Vitamin D deficiency increasingly common - cwan
http://www.sfgate.com/cgi-bin/article.cgi?f=/c/a/2010/01/09/MN8T1BEG4V.DTL&type=printable
======
jodrellblank
There's so much fun stuff to read about it for a medically untrained layperson
like me. Let's see, things I remember reading from off the top of my head, but
don't know how true or accurate or likely they are:

\- Cholesterol is converted into Vitamin D by the sunlight, so our dietary
cholesterol shunning, cholesterol lowering drug culture lowers the amount of
Vit D which can be created by the sun.

\- UVB is needed to make Vit D from sunlight, so our sunscreen culture makes
that less likely.

\- UVA counters the making of Vit D in the skin, so our office culture where
people sit inside behind windows which block UVB and allow through UVA is bad
for Vit D levels.

\- Our margarine and other odd fats promoting culture leads to trans fat and
other i-don't-remember-what abnormal fats being used in body part construction
and repair, and they are more likely to oxidise and distort and weaken cells
and lead to an increased risk of skin cancer from sunlight.

\- Our recommended blood/cell/something levels of Vit D are less than that
seen naturally in people who live in Equatorial regions.

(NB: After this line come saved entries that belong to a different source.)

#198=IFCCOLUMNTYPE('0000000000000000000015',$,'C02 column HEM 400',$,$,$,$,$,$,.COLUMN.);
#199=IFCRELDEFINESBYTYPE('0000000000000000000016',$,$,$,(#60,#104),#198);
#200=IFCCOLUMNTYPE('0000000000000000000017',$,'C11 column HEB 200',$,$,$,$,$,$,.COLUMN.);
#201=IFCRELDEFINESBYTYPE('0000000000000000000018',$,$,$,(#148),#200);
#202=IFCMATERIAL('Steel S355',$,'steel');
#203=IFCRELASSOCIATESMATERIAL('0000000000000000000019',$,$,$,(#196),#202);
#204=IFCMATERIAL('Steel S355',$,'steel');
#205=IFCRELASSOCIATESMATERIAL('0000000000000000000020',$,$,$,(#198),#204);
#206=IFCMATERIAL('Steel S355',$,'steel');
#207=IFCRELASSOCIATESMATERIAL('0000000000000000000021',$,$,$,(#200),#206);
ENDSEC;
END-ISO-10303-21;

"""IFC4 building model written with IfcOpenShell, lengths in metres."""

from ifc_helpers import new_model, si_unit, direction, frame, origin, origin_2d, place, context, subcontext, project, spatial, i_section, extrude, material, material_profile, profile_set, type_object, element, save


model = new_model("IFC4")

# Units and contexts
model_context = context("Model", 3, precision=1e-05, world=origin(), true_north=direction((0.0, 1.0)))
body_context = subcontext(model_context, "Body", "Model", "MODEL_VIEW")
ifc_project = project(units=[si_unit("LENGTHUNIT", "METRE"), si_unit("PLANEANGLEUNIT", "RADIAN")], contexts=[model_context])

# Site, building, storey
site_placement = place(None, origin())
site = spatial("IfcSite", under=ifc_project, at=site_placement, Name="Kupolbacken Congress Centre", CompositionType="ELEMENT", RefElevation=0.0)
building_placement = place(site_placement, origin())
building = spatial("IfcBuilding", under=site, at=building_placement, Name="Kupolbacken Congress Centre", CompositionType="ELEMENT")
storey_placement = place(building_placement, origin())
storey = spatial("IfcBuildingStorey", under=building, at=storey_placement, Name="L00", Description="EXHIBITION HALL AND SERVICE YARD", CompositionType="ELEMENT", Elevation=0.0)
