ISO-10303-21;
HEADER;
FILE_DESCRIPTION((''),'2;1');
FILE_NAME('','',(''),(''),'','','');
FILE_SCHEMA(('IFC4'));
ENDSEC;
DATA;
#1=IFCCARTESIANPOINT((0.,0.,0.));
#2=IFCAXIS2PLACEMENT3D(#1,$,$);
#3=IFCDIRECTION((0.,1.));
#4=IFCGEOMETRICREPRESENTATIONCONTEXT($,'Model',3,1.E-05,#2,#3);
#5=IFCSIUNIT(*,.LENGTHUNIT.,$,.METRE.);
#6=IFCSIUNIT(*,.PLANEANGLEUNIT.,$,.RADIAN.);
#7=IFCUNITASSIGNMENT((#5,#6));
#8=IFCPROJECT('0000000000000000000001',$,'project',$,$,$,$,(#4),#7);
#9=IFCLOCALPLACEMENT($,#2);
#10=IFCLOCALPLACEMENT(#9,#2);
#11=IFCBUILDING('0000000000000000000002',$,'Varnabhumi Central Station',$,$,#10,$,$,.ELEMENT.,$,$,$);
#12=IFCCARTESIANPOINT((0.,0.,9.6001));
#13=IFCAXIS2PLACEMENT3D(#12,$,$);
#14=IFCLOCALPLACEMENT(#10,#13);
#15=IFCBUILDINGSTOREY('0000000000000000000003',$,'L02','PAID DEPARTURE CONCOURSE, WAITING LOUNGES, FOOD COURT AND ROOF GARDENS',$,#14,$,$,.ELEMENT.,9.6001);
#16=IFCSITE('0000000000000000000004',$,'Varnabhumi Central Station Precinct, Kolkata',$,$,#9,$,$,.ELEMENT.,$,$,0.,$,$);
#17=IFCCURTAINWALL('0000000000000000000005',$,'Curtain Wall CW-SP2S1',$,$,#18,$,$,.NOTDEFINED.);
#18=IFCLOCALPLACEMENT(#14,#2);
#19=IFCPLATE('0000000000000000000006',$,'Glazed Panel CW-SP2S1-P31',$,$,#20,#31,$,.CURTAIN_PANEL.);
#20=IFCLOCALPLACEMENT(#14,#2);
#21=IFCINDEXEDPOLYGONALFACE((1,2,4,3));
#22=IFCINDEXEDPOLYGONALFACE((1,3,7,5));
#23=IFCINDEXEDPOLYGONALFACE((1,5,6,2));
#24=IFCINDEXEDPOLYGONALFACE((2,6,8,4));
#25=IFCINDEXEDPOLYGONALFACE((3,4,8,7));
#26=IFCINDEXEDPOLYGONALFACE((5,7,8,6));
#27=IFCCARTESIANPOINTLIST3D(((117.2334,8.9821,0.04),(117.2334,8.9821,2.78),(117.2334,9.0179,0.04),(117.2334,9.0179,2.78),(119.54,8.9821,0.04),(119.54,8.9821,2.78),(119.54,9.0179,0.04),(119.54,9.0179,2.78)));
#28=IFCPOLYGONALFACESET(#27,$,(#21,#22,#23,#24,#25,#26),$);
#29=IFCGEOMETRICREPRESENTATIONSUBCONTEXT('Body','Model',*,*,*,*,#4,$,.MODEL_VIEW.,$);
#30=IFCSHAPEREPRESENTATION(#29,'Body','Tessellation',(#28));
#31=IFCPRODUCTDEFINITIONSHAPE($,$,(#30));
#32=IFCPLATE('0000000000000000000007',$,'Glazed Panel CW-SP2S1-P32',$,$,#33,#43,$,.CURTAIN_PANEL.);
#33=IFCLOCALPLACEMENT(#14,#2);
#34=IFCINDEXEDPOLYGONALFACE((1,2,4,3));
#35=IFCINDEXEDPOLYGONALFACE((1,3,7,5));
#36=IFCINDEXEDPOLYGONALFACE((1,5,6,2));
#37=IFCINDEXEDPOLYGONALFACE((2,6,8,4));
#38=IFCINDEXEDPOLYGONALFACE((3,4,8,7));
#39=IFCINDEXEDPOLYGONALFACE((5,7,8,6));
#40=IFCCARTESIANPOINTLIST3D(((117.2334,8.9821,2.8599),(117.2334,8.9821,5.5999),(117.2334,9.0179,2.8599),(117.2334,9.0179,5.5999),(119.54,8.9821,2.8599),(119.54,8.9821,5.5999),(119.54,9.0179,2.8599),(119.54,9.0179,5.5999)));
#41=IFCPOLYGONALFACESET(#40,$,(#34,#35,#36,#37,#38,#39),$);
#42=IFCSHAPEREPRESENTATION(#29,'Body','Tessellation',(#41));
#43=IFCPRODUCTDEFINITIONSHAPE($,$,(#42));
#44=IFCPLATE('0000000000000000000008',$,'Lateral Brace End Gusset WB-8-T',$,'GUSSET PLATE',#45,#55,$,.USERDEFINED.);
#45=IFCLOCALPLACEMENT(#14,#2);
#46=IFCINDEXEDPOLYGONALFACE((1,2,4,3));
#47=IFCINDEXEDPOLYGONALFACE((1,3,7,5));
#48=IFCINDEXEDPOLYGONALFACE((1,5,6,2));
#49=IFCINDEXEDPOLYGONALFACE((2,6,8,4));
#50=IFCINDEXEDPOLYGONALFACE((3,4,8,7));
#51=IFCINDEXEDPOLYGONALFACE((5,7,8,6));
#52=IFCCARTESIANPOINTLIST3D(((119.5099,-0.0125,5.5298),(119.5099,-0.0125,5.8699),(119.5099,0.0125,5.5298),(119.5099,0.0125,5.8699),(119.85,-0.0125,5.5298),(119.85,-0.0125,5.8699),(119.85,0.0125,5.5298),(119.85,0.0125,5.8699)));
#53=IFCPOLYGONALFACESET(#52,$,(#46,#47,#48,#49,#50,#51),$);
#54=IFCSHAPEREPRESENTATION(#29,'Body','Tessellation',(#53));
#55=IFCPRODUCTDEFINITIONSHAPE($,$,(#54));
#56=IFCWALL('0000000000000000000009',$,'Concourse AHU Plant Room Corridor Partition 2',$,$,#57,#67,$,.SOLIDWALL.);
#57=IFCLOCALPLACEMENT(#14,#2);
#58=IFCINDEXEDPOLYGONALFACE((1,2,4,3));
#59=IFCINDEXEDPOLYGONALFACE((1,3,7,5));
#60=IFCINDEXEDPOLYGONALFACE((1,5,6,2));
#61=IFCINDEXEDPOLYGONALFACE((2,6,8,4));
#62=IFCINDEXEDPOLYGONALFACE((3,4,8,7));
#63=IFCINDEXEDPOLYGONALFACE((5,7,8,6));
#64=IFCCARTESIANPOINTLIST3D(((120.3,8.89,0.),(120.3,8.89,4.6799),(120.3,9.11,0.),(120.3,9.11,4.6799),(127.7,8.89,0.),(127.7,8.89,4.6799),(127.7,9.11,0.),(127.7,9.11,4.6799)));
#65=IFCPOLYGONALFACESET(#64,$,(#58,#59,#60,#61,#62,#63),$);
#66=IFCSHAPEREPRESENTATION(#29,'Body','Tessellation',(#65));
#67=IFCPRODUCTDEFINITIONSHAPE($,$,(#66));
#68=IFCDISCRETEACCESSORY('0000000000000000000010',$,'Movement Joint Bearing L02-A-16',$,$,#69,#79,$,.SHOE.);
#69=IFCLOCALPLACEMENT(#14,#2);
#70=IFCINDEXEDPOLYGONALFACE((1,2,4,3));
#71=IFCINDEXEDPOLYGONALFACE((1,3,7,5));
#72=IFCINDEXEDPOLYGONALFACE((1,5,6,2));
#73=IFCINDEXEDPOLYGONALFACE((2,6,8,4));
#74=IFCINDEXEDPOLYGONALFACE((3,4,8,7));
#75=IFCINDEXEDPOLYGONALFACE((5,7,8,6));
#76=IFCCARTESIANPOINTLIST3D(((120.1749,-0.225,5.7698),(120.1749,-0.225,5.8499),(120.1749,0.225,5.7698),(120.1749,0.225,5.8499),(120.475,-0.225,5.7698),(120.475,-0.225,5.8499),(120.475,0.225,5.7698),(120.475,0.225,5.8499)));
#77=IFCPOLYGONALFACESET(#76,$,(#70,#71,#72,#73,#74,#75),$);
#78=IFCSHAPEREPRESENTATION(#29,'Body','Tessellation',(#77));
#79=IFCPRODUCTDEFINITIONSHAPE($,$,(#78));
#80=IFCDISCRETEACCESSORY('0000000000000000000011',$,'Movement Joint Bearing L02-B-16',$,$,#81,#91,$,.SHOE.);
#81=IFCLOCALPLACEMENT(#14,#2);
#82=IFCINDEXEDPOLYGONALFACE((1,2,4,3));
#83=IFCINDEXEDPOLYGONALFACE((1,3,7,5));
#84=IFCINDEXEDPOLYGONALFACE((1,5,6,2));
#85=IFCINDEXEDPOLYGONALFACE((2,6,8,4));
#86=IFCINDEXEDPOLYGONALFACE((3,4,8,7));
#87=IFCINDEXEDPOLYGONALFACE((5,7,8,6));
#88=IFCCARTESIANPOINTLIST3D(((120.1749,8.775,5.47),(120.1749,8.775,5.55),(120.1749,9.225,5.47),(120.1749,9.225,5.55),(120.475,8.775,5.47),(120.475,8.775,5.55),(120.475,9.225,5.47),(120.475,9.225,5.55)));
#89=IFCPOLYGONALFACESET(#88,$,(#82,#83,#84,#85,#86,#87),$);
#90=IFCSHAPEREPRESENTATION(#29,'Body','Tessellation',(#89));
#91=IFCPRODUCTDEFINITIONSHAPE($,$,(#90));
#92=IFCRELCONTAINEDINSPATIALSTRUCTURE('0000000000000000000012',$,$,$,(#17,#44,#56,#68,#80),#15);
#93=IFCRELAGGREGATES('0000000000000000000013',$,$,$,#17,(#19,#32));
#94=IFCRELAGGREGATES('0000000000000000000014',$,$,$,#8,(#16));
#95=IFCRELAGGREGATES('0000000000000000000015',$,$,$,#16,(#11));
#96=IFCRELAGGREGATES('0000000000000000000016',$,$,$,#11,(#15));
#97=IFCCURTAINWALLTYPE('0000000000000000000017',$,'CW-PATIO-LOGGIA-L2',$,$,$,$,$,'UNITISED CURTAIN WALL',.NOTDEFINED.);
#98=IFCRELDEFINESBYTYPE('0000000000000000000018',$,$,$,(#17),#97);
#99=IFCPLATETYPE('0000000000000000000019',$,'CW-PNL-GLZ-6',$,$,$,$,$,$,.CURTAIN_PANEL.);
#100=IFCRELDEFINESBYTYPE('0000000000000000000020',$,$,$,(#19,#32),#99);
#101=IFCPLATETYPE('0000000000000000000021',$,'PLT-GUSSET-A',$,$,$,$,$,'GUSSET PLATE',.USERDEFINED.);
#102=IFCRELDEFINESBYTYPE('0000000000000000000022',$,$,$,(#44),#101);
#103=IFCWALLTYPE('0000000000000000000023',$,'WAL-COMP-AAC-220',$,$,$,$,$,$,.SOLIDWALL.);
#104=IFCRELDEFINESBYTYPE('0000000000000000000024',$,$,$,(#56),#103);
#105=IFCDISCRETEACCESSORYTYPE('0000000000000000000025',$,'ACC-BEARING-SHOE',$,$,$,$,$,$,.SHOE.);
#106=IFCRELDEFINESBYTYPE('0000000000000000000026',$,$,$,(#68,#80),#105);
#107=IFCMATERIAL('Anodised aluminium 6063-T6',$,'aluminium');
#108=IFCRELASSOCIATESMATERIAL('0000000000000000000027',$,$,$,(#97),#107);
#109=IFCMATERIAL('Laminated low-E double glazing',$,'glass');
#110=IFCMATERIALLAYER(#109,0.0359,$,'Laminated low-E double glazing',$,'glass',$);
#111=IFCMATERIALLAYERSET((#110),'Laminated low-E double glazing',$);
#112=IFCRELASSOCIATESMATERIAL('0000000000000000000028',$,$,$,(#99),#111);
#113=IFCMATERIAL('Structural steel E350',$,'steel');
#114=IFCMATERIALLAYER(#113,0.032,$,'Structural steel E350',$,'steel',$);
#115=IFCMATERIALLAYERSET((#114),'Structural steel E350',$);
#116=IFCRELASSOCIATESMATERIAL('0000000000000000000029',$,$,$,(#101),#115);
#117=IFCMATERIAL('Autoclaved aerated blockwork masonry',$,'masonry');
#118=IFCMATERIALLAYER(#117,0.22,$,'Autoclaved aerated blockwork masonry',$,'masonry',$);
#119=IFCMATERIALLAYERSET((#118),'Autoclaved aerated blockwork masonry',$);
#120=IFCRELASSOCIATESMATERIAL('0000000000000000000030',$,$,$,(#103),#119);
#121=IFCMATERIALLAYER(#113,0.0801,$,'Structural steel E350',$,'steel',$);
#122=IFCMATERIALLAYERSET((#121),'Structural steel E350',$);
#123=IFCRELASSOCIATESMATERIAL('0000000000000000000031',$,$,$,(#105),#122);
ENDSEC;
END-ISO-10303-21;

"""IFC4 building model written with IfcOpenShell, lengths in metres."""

from ifc_helpers import new_model, si_unit, direction, frame, frame_2d, origin, origin_2d, place, context, subcontext, project, spatial, rectangle, extrude, material, layer, layer_set, type_object, element, aggregate, save


model = new_model("IFC4")

# Units and contexts
model_context = context("Model", 3, precision=1e-05, world=origin(), true_north=direction((0.0, 1.0)))
body_context = subcontext(model_context, "Body", "Model", "MODEL_VIEW")
ifc_project = project(units=[si_unit("LENGTHUNIT", "METRE"), si_unit("PLANEANGLEUNIT", "RADIAN")], contexts=[model_context])

# Site, building, storey
site_placement = place(None, origin())
site = spatial("IfcSite", under=ifc_project, at=site_placement, Name="Varnabhumi Central Station Precinct, Kolkata", CompositionType="ELEMENT", RefElevation=0.0)
building_placement = place(site_placement, origin())
building = spatial("IfcBuilding", under=site, at=building_placement, Name="Varnabhumi Central Station", CompositionType="ELEMENT")
storey_placement = place(building_placement, frame((0.0, 0.0, 9.6001)))
storey = spatial("IfcBuildingStorey", under=building, at=storey_placement, Name="L02", Description="PAID DEPARTURE CONCOURSE, WAITING LOUNGES, FOOD COURT AND ROOF GARDENS", CompositionType="ELEMENT", Elevation=9.6001)

# Shared definitions
ifc_material_1 = material(Name="Structural steel E350", Category="steel")

# Curtain wall, plates
ifc_material_2 = material(Name="Anodised aluminium 6063-T6", Category="aluminium")
curtain_wall_type = type_object("IfcCurtainWallType", Name="CW-PATIO-LOGGIA-L2", ElementType="UNITISED CURTAIN WALL", PredefinedType="NOTDEFINED", material=ifc_material_2)
curtain_wall_placement = place(storey_placement, origin())
curtain_wall = element("IfcCurtainWall", 1, at=curtain_wall_placement, inside=storey, type_object=curtain_wall_type, Name="Curtain Wall CW-SP2S1", PredefinedType="NOTDEFINED")
ifc_material_3 = material(Name="Laminated low-E double glazing", Category="glass")
ifc_layer_1 = layer(ifc_material_3, 0.0359, Name="Laminated low-E double glazing", Category="glass")
ifc_layer_set_1 = layer_set([ifc_layer_1], Name="Laminated low-E double glazing")
plate_type_1 = type_object("IfcPlateType", Name="CW-PNL-GLZ-6", PredefinedType="CURTAIN_PANEL", material=ifc_layer_set_1)
plate_1_placement = place(storey_placement, frame((118.3867, 9.0, 0.04), z_axis=(0.0, 0.0, 1.0), x_axis=(1.0, 0.0, 0.0)))
plate_1 = element("IfcPlate", 2, at=plate_1_placement, type_object=plate_type_1, Name="Glazed Panel CW-SP2S1-P31", PredefinedType="CURTAIN_PANEL", context=body_context, shape_type="SweptSolid", body=[
    extrude(rectangle(XDim=2.3066, YDim=0.0359, at=origin_2d()), origin(), (0.0, 0.0, 1.0), 2.74),
])
plate_2_placement = place(storey_placement, frame((118.3867, 9.0, 2.8599), z_axis=(0.0, 0.0, 1.0), x_axis=(1.0, 0.0, 0.0)))
plate_2 = element("IfcPlate", 3, at=plate_2_placement, type_object=plate_type_1, Name="Glazed Panel CW-SP2S1-P32", PredefinedType="CURTAIN_PANEL", context=body_context, shape_type="SweptSolid", body=[
    extrude(rectangle(XDim=2.3066, YDim=0.0359, at=origin_2d()), origin(), (0.0, 0.0, 1.0), 2.74),
])
aggregate(curtain_wall, [plate_1, plate_2])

\- Not all Vit D supplements are equal, eating in a powdered tablet form will
cause some to be absorbed, eating in a gel tablet form will lead to more
getting through the stomach to the gut and cause more to be absorbed, eating
with fatty/oily food will cause more to be absorbed and used than eating it
dry, using a spray under the tongue will cause absorbtion directly into the
blood stream so you can more accurately predict how much will become available
for bodily use, but when created by sunlight it's self regulating. So if you
don't get it via sunlight, have levels checked regularly so you don't
overdose. And since you can't accurately predict how much of a tablet will be
absorbed, you might need to take more than you otherwise thought to get the
change in level you were planning for.

So if there is truth to these, it's not just a case of sunlight causes skin
cancer, but sunlight on odd-fat-weakened skin increases chances of skin cancer
which office working sunscreen wearing sun avoiders have less ability to fight
off.

Sounds so simple and believable it can't be true, but also so simple and
believable that even if it isn't true in the slightest I'll still remember it
easily. Hrm.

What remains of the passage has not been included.